Paradoxes

Meno's Paradox — How Can You Search for Something You Don't Know?

Meno's Paradox — How Can You Search for Something You Don't Know?

Thank you for visiting this site. This article covers “Meno’s Paradox (the Paradox of Inquiry).”

Looking something up when you want to know it is the most everyday of activities. Yet there is a strange problem lurking here: when we investigate something we do not know, do we actually know what we are looking for?

Diagram

The Paradox

This paradox appears in Plato’s dialogue Meno, where the character Meno poses the following challenge to Socrates:

“Socrates, how will you look for something when you don’t know at all what it is? Which of all the things you don’t know will you set up as the target of your search? And if you do chance upon it, how will you know that this is the thing you didn’t know?”

Restated precisely:

  1. If you already know something, there is no need to search for it (you already have it).
  2. If you don’t know it at all, you cannot search for it (you don’t know what to look for, and wouldn’t recognize it if you found it).
  3. Therefore, inquiry is impossible.

At first glance this sounds like sophistry, but the more carefully you think about it, the more stubborn the problem becomes.

A Concrete Example

Suppose a beginner cook wants to know “how to make great pasta.”
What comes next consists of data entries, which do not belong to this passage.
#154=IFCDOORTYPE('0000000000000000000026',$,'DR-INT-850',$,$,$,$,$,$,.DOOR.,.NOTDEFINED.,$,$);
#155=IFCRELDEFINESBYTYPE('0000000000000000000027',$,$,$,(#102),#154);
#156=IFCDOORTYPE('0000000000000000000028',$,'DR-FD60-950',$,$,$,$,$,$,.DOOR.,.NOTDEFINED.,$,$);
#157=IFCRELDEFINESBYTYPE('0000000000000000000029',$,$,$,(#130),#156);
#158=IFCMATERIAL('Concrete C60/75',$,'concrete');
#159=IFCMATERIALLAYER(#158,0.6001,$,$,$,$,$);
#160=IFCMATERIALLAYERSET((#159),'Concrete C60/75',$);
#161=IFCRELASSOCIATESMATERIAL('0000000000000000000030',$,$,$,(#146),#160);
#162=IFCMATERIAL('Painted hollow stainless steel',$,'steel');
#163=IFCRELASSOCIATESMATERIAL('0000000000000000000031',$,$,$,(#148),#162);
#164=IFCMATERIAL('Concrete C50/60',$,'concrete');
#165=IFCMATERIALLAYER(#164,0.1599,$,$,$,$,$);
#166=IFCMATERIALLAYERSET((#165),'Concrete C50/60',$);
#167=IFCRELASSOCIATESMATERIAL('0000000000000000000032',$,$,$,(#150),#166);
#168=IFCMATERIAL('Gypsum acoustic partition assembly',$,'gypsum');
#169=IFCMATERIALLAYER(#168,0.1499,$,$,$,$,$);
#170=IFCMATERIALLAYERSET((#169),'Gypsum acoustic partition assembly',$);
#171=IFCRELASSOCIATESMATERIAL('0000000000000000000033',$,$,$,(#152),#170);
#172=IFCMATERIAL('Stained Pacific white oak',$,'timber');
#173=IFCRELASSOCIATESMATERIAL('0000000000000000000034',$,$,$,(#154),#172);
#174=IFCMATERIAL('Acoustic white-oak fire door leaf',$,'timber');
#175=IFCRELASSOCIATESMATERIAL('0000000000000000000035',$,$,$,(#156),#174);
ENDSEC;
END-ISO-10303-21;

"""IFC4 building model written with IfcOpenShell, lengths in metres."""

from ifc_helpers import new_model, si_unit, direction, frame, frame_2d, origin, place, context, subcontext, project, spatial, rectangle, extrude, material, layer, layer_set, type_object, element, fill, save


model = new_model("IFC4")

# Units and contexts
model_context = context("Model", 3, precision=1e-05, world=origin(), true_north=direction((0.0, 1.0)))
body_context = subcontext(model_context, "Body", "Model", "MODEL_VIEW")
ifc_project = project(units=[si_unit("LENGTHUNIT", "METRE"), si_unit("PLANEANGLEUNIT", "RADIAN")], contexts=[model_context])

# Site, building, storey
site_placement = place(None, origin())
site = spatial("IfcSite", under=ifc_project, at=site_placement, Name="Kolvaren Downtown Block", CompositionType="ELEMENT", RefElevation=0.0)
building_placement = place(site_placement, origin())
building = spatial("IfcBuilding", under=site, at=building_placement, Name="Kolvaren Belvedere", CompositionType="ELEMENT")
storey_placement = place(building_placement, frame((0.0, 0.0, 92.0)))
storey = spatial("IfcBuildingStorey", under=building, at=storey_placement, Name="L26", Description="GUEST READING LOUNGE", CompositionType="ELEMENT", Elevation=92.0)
This person does not yet know how to make great pasta. So how do they find the “correct recipe”? Even if they open a cookbook, they cannot know — before trying it — whether that recipe will actually taste good. They have never made it before.

Conversely, if they already knew perfectly how to make great pasta, they wouldn’t need to look for a recipe.
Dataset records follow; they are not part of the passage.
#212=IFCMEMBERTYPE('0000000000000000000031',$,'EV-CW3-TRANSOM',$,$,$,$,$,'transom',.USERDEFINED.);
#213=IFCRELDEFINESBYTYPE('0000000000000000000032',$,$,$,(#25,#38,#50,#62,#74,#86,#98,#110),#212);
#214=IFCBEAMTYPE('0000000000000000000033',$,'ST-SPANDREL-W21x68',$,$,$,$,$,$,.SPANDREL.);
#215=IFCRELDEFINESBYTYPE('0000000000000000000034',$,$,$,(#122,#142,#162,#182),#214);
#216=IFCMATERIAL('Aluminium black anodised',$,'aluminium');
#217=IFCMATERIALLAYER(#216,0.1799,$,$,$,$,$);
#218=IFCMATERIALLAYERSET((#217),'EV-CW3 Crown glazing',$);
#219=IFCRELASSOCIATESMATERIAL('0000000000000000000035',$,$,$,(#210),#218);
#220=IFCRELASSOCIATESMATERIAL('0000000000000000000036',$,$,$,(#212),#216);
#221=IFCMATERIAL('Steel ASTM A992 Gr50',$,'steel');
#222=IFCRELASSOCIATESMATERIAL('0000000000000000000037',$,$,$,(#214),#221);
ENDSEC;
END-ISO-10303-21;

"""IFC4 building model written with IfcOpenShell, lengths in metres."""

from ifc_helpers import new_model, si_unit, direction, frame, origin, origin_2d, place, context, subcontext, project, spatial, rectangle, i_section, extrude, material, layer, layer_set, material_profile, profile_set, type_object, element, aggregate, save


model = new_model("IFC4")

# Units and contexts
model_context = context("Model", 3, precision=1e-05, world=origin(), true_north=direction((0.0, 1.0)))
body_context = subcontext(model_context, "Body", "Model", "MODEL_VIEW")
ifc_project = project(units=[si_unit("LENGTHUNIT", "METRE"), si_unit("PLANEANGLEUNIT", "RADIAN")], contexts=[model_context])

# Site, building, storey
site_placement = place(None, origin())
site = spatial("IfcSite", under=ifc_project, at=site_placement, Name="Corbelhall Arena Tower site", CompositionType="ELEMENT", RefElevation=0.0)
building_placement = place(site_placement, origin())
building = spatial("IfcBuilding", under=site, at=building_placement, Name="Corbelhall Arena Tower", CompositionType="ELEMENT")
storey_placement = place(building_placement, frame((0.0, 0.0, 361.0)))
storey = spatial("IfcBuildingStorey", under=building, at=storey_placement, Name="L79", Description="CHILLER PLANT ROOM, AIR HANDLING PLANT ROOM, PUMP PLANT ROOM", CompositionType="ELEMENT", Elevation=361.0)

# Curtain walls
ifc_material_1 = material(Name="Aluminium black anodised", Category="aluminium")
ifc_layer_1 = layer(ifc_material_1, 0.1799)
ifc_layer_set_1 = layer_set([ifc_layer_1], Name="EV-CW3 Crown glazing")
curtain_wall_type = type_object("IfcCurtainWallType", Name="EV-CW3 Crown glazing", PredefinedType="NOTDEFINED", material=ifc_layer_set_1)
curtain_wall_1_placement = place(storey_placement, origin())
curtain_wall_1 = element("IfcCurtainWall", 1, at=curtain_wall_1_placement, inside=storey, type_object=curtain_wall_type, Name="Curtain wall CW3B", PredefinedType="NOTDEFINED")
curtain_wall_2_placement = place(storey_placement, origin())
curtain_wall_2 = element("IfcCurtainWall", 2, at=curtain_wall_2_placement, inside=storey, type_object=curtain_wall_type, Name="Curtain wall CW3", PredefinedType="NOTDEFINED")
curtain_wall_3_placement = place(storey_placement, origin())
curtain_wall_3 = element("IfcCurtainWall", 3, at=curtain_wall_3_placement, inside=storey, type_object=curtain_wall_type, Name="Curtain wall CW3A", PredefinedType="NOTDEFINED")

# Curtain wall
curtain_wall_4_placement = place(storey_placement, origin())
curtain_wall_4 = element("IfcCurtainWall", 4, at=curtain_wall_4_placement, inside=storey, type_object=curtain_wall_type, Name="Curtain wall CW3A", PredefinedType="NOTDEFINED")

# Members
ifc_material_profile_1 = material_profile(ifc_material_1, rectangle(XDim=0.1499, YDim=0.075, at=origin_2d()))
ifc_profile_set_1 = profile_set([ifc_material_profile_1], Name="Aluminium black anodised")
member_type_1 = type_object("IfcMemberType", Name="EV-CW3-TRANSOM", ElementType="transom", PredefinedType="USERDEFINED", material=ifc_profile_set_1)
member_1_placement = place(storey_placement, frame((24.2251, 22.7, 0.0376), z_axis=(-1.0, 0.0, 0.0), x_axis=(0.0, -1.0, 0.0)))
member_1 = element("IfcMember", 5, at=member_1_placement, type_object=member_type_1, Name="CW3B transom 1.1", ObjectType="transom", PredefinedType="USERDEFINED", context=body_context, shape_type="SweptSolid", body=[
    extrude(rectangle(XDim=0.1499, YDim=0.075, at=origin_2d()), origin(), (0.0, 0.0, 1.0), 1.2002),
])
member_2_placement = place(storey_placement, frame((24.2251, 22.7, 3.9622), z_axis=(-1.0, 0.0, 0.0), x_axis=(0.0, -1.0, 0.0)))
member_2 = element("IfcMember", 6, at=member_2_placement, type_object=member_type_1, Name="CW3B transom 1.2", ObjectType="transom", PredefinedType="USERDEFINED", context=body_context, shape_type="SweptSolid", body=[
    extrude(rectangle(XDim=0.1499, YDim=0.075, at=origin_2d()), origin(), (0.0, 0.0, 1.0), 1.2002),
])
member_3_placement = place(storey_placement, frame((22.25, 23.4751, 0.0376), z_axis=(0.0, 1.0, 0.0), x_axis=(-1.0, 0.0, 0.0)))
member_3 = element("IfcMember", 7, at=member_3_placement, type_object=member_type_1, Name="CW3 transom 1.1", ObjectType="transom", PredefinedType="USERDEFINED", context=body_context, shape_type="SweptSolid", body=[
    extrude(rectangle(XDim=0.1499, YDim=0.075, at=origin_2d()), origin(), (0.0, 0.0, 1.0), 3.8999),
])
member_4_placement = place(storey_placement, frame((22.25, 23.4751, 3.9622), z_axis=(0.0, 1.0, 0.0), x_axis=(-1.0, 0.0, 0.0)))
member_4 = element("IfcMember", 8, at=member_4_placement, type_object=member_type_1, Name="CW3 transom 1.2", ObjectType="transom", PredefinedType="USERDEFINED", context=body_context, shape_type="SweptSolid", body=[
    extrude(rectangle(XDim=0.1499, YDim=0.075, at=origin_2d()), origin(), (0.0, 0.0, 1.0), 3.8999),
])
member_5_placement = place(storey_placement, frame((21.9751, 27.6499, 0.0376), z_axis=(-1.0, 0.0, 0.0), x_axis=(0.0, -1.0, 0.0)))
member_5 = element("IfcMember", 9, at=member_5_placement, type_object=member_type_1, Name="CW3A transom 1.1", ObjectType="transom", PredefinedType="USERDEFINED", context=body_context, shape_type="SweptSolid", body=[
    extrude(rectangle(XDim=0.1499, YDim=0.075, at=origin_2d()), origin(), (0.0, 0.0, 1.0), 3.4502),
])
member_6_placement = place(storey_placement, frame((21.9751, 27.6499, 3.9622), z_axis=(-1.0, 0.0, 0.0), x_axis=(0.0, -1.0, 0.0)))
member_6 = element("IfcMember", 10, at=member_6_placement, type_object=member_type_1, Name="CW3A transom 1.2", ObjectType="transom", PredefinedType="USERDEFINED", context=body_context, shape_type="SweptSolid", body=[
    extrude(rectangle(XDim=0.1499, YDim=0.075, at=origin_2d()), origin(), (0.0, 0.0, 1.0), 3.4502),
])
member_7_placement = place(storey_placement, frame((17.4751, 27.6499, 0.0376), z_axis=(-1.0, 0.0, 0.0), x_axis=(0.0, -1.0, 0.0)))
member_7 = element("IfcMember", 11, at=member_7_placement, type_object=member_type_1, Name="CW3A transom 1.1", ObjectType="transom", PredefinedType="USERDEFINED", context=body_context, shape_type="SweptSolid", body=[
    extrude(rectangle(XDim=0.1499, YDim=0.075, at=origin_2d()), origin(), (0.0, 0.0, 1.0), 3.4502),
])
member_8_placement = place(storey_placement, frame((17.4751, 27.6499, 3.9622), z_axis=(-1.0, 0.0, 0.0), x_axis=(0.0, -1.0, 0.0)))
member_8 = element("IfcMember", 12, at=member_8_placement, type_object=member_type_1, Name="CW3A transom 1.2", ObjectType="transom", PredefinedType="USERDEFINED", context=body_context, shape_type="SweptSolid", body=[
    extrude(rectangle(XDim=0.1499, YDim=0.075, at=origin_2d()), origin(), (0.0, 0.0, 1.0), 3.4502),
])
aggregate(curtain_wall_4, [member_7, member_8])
The temptation is to invoke “partial knowledge” as a middle ground — and Meno’s Paradox is precisely a challenge to that notion. What exactly does it mean to partially know something? And where did that partial knowledge come from?

Socrates’ Answer: The Theory of Recollection

In Plato’s dialogue, Socrates responds with a distinctive theory known as anamnesis (recollection).

Socrates’ claim: the human soul possesses all knowledge before birth and forgets it upon entering this world. Therefore “learning” is not the acquisition of new knowledge but the recollection of what was forgotten.

On this view, we already “know” everything in some sense, and inquiry is simply the process of drawing out knowledge that already lies within us. The paradox dissolves: we are not searching for something unknown; we are remembering something forgotten.

In the dialogue, Socrates demonstrates this by posing questions to an uneducated slave boy and guiding him to produce a geometric theorem — presented as evidence for the recollection theory.

Almost no modern philosopher takes the recollection theory literally. But Socrates had identified the core of the problem with precision: the insight that knowledge requires some kind of prior foundation has carried forward into modern epistemology.

The Same Structure in Science

Meno’s Paradox is not confined to philosophy classrooms. Scientific discovery has the same structure.

When physicists search for a new subatomic particle, how do they know the properties of the particle they have not yet found? The answer is: they use theoretical predictions as a guide. The Higgs boson was theoretically predicted in 1964 and discovered at CERN in 2012. The partial knowledge provided by the theory pointed the search in the right direction.

Similarly, how does an archaeologist search for an undiscovered site? From geological and historical knowledge they infer “it should be here” and dig accordingly. Neither fully ignorant nor fully knowledgeable — operating in exactly the state of partial knowledge that the paradox questions.

The Modern View

Modern epistemology generally locates the flaw in Meno’s Paradox in its binary premise: treating knowledge as either complete or entirely absent.

Real human knowledge is a continuum. From total ignorance, through a vague impression, through partial understanding, to thorough expertise — knowledge admits of degrees.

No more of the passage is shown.